I am not wedded to Protobuf, just want to find the best combination of compression to save bandwidth and processing power to compress/decompress at the endpoints. If using Thrift as a protocol means that we don’t need to deserialize and reserialise at the Collector level, even better.

We ran a test compressing our data via gzip and we swamped our servers. There are better methods (and a lot of methods) to test.

If anyone has spent time in this area to optimise, I’d love to hear more!

Thanks @Colm ! We’ll check this out.

Is the processing and packaging here an AWS load balancer that then forwards the request on to the GCP collector or something else more involved?

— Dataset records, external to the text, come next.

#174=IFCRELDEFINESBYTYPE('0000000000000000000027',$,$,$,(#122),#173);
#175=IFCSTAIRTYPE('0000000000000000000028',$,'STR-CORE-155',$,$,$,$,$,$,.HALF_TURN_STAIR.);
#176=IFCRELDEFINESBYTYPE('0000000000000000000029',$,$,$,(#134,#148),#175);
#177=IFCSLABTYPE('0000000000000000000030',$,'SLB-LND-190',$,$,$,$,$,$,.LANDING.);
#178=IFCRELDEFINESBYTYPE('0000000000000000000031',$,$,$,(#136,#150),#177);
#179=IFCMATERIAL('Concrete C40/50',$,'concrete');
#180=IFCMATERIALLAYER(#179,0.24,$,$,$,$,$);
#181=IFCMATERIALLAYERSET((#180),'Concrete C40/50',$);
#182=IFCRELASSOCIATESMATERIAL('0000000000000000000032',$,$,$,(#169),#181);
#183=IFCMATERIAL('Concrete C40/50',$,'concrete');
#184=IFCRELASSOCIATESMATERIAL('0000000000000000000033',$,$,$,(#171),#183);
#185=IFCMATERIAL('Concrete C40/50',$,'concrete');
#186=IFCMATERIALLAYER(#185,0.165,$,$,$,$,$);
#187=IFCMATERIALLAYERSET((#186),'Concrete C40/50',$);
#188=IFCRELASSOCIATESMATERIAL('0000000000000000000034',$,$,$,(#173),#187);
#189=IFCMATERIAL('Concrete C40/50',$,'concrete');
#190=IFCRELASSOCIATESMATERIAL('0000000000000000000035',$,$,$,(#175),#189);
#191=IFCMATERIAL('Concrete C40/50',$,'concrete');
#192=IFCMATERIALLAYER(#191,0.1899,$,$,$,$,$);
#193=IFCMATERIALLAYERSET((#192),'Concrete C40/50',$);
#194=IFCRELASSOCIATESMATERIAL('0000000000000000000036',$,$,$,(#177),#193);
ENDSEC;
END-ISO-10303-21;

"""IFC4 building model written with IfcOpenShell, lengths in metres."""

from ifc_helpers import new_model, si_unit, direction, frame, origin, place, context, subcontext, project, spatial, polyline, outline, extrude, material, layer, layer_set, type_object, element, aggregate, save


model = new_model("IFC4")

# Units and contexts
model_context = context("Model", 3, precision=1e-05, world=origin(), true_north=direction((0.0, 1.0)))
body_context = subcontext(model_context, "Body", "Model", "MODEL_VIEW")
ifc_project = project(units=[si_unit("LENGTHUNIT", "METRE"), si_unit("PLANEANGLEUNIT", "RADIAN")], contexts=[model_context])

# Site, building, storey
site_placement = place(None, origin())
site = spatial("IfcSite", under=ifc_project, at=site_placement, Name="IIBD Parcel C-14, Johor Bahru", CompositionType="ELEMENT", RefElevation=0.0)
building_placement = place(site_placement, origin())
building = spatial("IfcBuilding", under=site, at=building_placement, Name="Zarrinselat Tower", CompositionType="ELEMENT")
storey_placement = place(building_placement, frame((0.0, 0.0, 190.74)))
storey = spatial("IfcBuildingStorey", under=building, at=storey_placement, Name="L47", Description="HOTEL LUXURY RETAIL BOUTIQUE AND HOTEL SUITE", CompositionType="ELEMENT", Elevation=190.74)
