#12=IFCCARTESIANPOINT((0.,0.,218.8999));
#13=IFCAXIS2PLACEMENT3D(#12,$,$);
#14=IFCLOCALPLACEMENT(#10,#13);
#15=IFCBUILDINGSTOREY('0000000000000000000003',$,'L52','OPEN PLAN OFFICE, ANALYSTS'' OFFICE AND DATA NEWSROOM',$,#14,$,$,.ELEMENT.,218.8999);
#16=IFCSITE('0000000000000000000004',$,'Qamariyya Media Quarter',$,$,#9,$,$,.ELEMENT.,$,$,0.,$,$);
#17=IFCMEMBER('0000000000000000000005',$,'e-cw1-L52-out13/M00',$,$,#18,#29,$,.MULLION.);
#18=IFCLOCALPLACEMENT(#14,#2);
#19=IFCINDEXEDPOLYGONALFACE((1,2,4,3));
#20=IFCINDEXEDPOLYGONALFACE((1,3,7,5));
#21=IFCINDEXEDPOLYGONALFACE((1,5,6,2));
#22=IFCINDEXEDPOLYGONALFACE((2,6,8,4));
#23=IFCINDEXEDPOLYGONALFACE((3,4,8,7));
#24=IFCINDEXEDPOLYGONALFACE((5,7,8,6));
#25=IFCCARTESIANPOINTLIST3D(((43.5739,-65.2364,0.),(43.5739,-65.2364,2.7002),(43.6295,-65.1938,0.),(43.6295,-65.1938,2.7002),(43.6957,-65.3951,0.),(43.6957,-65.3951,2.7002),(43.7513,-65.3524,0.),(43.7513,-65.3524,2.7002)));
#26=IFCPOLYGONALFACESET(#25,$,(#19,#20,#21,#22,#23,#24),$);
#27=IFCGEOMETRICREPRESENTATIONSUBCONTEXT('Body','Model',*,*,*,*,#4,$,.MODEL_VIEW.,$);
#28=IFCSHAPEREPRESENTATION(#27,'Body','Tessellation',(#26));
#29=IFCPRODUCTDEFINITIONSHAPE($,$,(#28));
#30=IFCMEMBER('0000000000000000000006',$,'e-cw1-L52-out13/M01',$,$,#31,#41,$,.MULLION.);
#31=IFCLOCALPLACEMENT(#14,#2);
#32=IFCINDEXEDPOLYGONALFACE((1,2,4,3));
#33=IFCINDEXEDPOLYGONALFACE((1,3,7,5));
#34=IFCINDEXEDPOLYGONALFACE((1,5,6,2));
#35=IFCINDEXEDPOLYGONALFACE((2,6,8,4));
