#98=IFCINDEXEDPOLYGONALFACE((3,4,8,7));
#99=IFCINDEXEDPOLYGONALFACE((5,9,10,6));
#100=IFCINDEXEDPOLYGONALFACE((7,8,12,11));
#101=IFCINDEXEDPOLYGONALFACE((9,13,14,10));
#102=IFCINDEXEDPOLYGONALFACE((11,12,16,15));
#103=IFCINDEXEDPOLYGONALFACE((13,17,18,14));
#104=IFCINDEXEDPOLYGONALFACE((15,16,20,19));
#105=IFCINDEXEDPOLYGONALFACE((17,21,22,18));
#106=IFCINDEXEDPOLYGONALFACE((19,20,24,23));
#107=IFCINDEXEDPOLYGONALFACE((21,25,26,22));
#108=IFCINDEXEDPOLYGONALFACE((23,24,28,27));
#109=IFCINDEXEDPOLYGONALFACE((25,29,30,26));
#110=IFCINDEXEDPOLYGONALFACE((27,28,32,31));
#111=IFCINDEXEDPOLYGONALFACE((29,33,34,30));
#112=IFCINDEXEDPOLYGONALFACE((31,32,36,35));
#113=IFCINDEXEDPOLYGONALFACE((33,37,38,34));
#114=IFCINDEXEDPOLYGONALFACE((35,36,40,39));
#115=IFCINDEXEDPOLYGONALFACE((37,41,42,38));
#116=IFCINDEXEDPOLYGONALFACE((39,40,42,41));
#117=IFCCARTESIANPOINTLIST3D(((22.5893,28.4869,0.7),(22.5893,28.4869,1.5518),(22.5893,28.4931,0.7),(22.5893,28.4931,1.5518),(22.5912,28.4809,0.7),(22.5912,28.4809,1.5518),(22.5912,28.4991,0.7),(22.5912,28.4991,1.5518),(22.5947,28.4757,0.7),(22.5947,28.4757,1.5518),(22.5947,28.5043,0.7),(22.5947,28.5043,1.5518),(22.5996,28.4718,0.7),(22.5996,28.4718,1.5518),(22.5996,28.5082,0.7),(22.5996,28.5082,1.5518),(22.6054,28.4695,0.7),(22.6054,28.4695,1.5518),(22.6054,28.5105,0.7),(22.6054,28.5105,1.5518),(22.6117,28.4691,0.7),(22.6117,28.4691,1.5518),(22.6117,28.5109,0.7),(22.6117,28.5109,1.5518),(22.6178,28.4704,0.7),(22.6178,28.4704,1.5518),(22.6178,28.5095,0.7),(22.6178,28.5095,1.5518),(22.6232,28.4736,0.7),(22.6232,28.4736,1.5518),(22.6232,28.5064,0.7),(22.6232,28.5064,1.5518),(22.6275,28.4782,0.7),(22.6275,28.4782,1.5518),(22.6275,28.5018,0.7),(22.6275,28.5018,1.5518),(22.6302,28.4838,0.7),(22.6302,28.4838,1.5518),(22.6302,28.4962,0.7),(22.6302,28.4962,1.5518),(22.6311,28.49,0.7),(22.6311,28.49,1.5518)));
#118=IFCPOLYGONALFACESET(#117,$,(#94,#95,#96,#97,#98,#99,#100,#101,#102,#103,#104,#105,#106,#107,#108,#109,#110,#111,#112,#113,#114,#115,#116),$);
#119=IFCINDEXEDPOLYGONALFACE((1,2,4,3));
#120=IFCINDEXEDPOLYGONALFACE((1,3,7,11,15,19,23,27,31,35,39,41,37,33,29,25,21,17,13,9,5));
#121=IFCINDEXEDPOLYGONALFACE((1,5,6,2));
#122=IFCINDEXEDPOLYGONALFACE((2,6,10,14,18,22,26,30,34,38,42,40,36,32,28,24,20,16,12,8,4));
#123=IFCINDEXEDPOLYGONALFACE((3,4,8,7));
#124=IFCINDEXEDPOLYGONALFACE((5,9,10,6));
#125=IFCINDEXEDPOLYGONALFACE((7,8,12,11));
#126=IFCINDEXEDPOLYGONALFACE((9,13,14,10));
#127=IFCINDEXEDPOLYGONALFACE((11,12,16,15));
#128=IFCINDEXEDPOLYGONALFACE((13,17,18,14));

This is a pretty fine balance and is going to depend on your latency requirements but given you are doing cross-cloud transfers I’d probably optimise for compression over processing power.

If you have to run this cross cloud I’d be tempted to go:

(event) → AWS (via HTTP) → Snowplow Collector @ AWS → GCP PubSub (via Thrift).

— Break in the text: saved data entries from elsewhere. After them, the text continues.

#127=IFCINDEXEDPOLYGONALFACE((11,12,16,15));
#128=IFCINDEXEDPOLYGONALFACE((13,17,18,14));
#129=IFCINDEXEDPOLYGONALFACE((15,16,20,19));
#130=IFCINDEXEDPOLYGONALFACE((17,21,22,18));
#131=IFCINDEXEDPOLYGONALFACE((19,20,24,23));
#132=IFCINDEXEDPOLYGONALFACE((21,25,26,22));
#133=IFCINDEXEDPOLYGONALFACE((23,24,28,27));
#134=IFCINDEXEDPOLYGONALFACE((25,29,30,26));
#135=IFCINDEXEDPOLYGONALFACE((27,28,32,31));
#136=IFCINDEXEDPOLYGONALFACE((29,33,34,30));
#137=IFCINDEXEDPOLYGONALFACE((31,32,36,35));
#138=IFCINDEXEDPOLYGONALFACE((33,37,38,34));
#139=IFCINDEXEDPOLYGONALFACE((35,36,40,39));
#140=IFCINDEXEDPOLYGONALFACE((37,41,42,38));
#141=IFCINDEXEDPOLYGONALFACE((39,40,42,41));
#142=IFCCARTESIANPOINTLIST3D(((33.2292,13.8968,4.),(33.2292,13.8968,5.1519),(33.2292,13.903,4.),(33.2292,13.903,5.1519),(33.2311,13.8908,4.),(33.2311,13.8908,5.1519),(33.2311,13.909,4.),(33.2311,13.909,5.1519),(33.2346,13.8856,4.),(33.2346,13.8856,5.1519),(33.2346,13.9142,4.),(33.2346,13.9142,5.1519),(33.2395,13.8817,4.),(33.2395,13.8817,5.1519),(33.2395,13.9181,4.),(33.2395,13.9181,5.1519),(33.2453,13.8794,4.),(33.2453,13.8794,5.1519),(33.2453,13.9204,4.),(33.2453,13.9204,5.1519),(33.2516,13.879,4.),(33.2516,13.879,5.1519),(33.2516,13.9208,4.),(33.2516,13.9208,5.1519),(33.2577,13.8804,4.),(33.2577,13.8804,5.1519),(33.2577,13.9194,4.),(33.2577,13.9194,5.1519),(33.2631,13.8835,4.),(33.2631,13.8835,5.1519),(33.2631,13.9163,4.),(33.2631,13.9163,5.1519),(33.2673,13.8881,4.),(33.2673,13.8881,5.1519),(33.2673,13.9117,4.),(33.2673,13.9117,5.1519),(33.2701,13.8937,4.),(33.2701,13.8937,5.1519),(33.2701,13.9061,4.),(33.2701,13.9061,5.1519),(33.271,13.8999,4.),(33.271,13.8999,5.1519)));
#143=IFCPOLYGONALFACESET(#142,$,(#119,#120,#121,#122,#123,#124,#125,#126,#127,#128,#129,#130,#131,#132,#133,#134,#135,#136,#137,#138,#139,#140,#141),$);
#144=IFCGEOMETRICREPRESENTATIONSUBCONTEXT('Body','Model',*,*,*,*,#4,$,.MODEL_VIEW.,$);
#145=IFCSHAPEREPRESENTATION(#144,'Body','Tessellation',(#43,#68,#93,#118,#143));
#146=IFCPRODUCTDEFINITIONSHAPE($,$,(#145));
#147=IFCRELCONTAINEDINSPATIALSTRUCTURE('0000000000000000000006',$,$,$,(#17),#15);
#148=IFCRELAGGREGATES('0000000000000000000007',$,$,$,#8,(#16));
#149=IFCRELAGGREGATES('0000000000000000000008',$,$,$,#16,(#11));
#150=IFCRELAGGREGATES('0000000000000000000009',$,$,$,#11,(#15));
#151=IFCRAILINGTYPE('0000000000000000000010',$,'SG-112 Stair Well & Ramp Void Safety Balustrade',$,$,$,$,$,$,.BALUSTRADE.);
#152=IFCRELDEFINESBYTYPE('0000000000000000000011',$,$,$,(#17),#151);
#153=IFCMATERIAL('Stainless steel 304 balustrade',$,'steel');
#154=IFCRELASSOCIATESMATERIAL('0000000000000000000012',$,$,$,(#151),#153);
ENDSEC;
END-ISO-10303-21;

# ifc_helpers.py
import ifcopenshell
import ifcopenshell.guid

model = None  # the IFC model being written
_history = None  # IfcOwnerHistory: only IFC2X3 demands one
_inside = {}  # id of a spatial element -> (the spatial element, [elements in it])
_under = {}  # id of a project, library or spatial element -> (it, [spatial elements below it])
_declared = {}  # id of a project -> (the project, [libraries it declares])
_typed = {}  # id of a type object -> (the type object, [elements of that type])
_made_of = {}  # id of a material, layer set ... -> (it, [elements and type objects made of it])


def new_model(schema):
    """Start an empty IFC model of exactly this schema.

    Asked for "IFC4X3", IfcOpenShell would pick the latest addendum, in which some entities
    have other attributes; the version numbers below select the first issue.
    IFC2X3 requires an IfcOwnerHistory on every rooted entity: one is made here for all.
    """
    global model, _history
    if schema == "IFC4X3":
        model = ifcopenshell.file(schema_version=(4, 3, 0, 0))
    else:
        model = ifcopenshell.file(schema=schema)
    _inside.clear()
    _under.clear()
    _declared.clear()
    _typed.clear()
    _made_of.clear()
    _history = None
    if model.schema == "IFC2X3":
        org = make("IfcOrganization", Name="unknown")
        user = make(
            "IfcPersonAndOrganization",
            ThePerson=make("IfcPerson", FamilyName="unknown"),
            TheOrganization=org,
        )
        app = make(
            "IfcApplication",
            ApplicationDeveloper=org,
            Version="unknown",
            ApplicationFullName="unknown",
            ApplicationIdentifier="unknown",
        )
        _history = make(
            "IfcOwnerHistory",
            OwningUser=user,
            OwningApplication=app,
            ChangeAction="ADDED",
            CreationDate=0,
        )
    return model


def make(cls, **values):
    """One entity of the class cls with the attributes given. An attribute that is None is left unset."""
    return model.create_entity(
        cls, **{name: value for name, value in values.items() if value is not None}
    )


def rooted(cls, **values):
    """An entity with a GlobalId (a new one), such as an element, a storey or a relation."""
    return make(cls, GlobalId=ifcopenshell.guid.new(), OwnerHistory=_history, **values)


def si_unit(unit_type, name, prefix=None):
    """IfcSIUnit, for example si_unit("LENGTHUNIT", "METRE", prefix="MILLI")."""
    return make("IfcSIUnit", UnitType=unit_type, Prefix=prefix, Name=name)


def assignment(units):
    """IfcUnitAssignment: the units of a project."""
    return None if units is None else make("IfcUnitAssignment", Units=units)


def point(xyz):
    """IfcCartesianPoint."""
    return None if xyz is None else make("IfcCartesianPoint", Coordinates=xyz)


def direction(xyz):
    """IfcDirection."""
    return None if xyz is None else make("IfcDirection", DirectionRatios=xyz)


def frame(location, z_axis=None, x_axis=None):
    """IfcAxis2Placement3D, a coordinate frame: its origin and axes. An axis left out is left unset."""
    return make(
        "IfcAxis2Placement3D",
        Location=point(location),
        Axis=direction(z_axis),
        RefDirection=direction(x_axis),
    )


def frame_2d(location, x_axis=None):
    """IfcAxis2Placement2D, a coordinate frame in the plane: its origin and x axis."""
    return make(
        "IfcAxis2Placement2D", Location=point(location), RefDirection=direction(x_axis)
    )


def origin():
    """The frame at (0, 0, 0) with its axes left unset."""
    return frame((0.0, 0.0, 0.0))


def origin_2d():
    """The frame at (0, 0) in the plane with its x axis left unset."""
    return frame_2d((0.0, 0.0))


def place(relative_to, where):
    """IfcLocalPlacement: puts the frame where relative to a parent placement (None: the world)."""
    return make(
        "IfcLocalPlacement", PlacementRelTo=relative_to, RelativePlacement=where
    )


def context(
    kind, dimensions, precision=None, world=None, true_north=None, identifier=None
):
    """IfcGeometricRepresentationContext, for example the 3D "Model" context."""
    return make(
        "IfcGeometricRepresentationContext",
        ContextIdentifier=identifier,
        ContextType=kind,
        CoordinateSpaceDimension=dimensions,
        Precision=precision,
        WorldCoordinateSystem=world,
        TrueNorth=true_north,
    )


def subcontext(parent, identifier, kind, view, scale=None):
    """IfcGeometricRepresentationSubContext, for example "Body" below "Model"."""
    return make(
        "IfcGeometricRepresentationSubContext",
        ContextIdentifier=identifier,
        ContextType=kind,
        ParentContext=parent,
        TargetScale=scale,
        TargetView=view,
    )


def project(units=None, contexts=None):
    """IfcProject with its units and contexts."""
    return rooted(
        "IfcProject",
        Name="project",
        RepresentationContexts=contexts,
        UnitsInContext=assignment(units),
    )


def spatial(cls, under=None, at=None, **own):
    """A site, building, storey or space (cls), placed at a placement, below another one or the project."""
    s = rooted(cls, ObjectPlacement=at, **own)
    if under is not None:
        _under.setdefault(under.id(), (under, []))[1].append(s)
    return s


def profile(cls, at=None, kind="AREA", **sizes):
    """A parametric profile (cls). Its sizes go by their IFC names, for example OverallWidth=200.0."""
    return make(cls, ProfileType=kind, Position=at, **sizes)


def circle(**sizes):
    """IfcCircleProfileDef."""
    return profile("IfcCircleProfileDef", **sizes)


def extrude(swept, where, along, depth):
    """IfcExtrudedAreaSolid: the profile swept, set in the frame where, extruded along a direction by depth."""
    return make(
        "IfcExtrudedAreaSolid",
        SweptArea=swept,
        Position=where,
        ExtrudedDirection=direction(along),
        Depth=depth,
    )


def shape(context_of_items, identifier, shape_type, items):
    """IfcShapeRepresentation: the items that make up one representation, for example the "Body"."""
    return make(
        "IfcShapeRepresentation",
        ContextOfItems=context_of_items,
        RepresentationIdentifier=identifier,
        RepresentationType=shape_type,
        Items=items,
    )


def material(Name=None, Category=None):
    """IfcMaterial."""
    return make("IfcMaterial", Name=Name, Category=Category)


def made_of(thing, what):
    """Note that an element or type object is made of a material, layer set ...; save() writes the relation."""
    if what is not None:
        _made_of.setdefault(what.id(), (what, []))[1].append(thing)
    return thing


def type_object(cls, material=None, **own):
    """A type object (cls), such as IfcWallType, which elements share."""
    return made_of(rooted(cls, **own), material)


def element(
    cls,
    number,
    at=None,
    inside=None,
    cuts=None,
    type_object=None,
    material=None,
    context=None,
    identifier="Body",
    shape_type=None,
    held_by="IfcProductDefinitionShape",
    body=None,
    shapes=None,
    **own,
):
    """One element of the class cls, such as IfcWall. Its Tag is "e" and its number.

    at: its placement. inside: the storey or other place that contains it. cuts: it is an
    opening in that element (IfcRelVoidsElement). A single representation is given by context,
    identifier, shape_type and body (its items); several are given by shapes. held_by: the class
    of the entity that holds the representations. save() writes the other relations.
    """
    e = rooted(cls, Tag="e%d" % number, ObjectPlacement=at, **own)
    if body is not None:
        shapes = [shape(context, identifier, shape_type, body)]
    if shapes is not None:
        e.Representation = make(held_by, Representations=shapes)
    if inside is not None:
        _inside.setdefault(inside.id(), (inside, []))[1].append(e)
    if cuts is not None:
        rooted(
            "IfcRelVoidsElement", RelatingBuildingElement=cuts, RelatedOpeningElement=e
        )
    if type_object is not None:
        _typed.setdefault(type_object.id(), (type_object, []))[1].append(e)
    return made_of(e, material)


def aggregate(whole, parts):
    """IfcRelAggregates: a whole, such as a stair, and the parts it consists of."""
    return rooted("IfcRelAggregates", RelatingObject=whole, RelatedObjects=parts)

You’ll still be incurring egress but Thrift should for the most part be smaller than your HTTP request (this will depend a little bit on what you are doing with header forwarding).

If you wanted to minimise this egress even further I think it’d be worth investigating the switch from binary protocol to compact protocol for the collector / enricher.

I’ve had a bit more of a think about this and Thrift compact actually makes minimal difference - mostly because strings are encoded identically between the binary and compact versions so you are only saving a few bytes here and there as the CollectorPayload structure is mostly strings. I suspect Protobuf will probably suffer from the same problem - though it does have the concept of compression the structure itself.

In that case, possibly the easiest way to make the payload smaller is to restrict / filter the request headers coming in to the collector as this list of strings can be quite large and may not necessarily be needed (e.g., all cookie values, X- headers, trace headers etc).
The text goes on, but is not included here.